Ich kenne noch nicht einmal die aktuele gesetzliche Lage bei Neugeräten. Hat man da mittlerweile Anspruch auf ein Gerät ohne Pixelfehler im Randbereich?



Adventure1170 schrieb:


> Einige Komponenten werden von Windows Update nicht erkannt, und müssen selber mit Treibern versorgt werden.


Genau das ist für mich der Grund, seit nunmehr fast 5 Jahren die Originalinsstallation von Win 7 (mit ein paar deinstallierten Programmen) zu nutzen. Ich habe es nie geschafft, ein neues Windows mit den selben Eigenschaften auf meinem x220 zu installieren wie die Originalinstallation (also die selbe Performance, Akkulaufzeit und Tastaturunterstützung aller mir wichtigen Features). Irgendwann war ich das Herumfummeln leid, habe das Origianlimage zurück gespielt und alles lief wie gewünscht. Das Image wurde mittlerweile von HDD->SSD, von dort auf eine mSATA-SSD kopiert und auf Win10 aktualisiert (nur weil hier immer wieder Fragen aufkommen, ob man sowas inkl. Änderung der Partitionsgröße machen können, ja natürlich geht das).



flotus1 schrieb:


> Die Treiberverwaltung erledigt normalerweise das Thinkvantage system update  für dich damit du eben nicht raten musst welche Treiber  passen.

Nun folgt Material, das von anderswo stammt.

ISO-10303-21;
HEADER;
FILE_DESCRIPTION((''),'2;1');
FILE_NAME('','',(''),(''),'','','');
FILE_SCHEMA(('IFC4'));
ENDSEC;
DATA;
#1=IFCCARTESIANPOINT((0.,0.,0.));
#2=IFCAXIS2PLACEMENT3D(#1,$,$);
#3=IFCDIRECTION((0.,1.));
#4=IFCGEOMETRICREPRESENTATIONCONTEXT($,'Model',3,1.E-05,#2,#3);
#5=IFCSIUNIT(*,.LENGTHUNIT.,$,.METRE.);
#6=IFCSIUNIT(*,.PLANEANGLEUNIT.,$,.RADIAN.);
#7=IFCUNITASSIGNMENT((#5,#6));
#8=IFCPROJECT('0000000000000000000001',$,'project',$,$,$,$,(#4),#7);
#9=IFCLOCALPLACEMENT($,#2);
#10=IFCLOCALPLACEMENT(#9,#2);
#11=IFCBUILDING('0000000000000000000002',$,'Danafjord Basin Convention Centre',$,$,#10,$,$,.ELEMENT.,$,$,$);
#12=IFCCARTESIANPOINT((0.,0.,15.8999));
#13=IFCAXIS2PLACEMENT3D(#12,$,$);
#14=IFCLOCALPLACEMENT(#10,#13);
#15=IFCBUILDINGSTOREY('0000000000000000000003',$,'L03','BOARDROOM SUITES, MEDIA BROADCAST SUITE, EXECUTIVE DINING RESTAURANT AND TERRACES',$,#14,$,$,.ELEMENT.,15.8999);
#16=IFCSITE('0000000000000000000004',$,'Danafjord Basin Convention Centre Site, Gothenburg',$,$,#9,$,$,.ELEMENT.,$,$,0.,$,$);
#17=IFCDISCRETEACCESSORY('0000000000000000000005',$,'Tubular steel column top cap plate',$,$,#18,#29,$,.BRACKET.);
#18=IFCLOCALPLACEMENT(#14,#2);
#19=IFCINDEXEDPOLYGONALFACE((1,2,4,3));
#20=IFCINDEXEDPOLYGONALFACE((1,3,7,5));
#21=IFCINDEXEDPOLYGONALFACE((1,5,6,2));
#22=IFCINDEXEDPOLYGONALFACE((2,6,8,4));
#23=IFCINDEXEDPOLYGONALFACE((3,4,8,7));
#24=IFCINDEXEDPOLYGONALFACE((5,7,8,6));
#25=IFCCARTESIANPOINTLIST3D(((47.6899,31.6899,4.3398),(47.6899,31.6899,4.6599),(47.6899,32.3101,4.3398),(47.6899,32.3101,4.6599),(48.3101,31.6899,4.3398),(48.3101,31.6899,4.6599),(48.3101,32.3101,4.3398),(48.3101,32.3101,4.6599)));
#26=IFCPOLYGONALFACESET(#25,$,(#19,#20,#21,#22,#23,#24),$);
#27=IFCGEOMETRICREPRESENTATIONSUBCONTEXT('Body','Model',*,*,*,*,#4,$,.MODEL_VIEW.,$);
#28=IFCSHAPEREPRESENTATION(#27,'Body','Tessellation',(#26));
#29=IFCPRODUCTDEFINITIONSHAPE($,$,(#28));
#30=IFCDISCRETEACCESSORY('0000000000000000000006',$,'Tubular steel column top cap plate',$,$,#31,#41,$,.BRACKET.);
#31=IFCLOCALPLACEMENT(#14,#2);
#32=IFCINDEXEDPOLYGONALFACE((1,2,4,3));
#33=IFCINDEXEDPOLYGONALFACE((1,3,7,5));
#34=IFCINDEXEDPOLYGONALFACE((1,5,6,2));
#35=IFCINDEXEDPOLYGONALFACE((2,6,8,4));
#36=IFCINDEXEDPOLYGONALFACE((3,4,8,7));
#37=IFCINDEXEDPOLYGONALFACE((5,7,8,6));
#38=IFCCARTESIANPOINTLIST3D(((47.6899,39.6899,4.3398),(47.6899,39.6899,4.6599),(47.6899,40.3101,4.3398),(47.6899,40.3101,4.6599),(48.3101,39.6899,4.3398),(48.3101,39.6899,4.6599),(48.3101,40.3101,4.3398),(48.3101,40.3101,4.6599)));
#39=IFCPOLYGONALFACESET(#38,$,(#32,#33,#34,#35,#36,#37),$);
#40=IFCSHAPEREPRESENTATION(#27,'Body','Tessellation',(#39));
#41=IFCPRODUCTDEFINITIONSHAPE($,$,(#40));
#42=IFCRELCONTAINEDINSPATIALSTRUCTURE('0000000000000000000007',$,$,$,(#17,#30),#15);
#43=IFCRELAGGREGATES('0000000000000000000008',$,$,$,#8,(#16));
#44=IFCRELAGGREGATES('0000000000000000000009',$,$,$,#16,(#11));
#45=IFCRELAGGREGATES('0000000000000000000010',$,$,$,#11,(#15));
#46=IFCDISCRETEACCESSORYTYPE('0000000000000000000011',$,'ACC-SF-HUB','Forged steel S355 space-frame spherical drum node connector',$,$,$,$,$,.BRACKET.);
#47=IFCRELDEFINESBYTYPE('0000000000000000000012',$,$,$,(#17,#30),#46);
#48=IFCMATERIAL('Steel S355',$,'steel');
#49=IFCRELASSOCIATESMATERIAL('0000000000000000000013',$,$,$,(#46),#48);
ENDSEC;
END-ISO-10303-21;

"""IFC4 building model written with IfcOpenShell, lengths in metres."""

from ifc_helpers import new_model, si_unit, direction, frame, origin, origin_2d, place, context, subcontext, project, spatial, rectangle, extrude, material, type_object, element, save


model = new_model("IFC4")

# Units and contexts
model_context = context("Model", 3, precision=1e-05, world=origin(), true_north=direction((0.0, 1.0)))
body_context = subcontext(model_context, "Body", "Model", "MODEL_VIEW")
ifc_project = project(units=[si_unit("LENGTHUNIT", "METRE"), si_unit("PLANEANGLEUNIT", "RADIAN")], contexts=[model_context])

# Site, building, storey
site_placement = place(None, origin())
site = spatial("IfcSite", under=ifc_project, at=site_placement, Name="Danafjord Basin Convention Centre Site, Gothenburg", CompositionType="ELEMENT", RefElevation=0.0)
building_placement = place(site_placement, origin())
building = spatial("IfcBuilding", under=site, at=building_placement, Name="Danafjord Basin Convention Centre", CompositionType="ELEMENT")
storey_placement = place(building_placement, frame((0.0, 0.0, 15.8999)))
storey = spatial("IfcBuildingStorey", under=building, at=storey_placement, Name="L03", Description="BOARDROOM SUITES, MEDIA BROADCAST SUITE, EXECUTIVE DINING RESTAURANT AND TERRACES", CompositionType="ELEMENT", Elevation=15.8999)

# Shared definitions
ifc_material_1 = material(Name="Steel S355", Category="steel")

# Discrete accessories
discrete_accessory_type = type_object("IfcDiscreteAccessoryType", Name="ACC-SF-HUB", Description="Forged steel S355 space-frame spherical drum node connector", PredefinedType="BRACKET", material=ifc_material_1)
for number, where, z_axis, x_axis, name in (
    (1, (48.0, 32.0, 4.3398), (0.0, 0.0, 1.0), (1.0, 0.0, 0.0), "Tubular steel column top cap plate"),
    (2, (48.0, 40.0, 4.3398), (0.0, 0.0, 1.0), (1.0, 0.0, 0.0), "Tubular steel column top cap plate"),
):
    element("IfcDiscreteAccessory", number, at=place(storey_placement, frame(where, z_axis=z_axis, x_axis=x_axis)), inside=storey, type_object=discrete_accessory_type, Name=name, PredefinedType="BRACKET", context=body_context, shape_type="SweptSolid", body=[
        extrude(rectangle(XDim=0.6201, YDim=0.6201, at=origin_2d()), origin(), (0.0, 0.0, 1.0), 0.3201),
    ])

save(model, "model.ifc")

Wozu man aber erst einmal die Lenovo-Software  installieren muss, die Adventure1170 ja offensichtlich nicht wollte.


----------



## flotus1 (9. November 2016)

*AW: Gebrauchter X230 für Uni*

Woher die Abneigung? Das Tool ist wirklich praktisch und ich würde es definitiv nicht als Bloatware einstufen.


----------



## Adventure1170 (10. November 2016)

*AW: Gebrauchter X230 für Uni*

Erstes Update: 
Habe gerade mit Luxnote gesprochen. Der freundliche Mitarbeiter teilte mir mit, dass tote Pixel bei einem A-Ware Gerät natürlich nicht vorkommen dürften. Seiner Vermutung nach hätten deren Techniker vielleicht ins falsche Regal gefasst. Jedenfalls bekomme ich gleich eine Email mit einem Retourschein und dann wird der Fehler behoben. Ob ich nun ein Austauschgerät bekomme, oder ob nur das Display getauscht wird konnte mir der Mitarbeiter nicht sagen. 

Ich halte euch weiter auf dem Laufenden!


----------



## Adventure1170 (21. November 2016)

*AW: Gebrauchter X230 für Uni*

Kleiner Zwischenbericht, angeblich hätte sich mein Laptop schon letzte Woche, spätestens aber heute bei mir wieder einfinden sollen. Leider wurde ich bis jetzt von den Mitarbeitern am Telefon nur immer wieder vertröstet. Heute hieß es "Ich schicke nochmal eine Nachricht an unseren Versand, damit das Paket auf jeden Fall heute rausgeht. Pakete werden hier täglich um 18 Uhr abgeholt." Bis jetzt habe ich keine Mail bekommen, was mich vermuten lässt, dass ich meinen Laptop morgen noch nicht in den Händen halten werde. 
Versteht mich nicht falsch, ich habe absolutes Verständnis dafür, wenn eine Reparatur mal länger dauert als gedacht. Vielleicht ist gerade viel zu tun, oder das Ersatzteil ist nicht vorrätig... Damit kann ich leben. Aber immer wieder gesagt zu bekommen "Das Paket sollten sie spätestens morgen erhalten!", und dann tut sich nix finde ich frech. Der Laptop befindet sich jetzt schon über eine Woche bei denen, für eine Reparatur, die man selber wahrscheinlich in einer Stunde hätte locker selber machen können. 

Ich halte euch auf dem Laufenden.


----------



## Adventure1170 (24. November 2016)

*AW: Gebrauchter X230 für Uni*

Update Nr. 2:
Der Postbote war gerade da! Das Display wurde getauscht und sieht quasi neuwertig aus! Die Tastatur mit den schiefen Aufklebern wurde auch getauscht! Es ist eine originale ohne billige Aufkleber! Es ist eine ohne Tastenbeleuchtung!
Moment... Hatte ich nicht das Upgrade auf Tastenbeleuchtung bestellt?! ALTER!

Kurzum: ich bekomme eine Tastatur MIT Beleuchtung hinterhergeschickt. Es wurde allerdings nichts dazu gesagt, ob ich die andere dann zurückschicken soll. 

Ich werde mich wieder melden.

PS: Davon aber mal abgesehen funzt der Laptop mit neuer SSD und 12GB RAM berauschend gut!


----------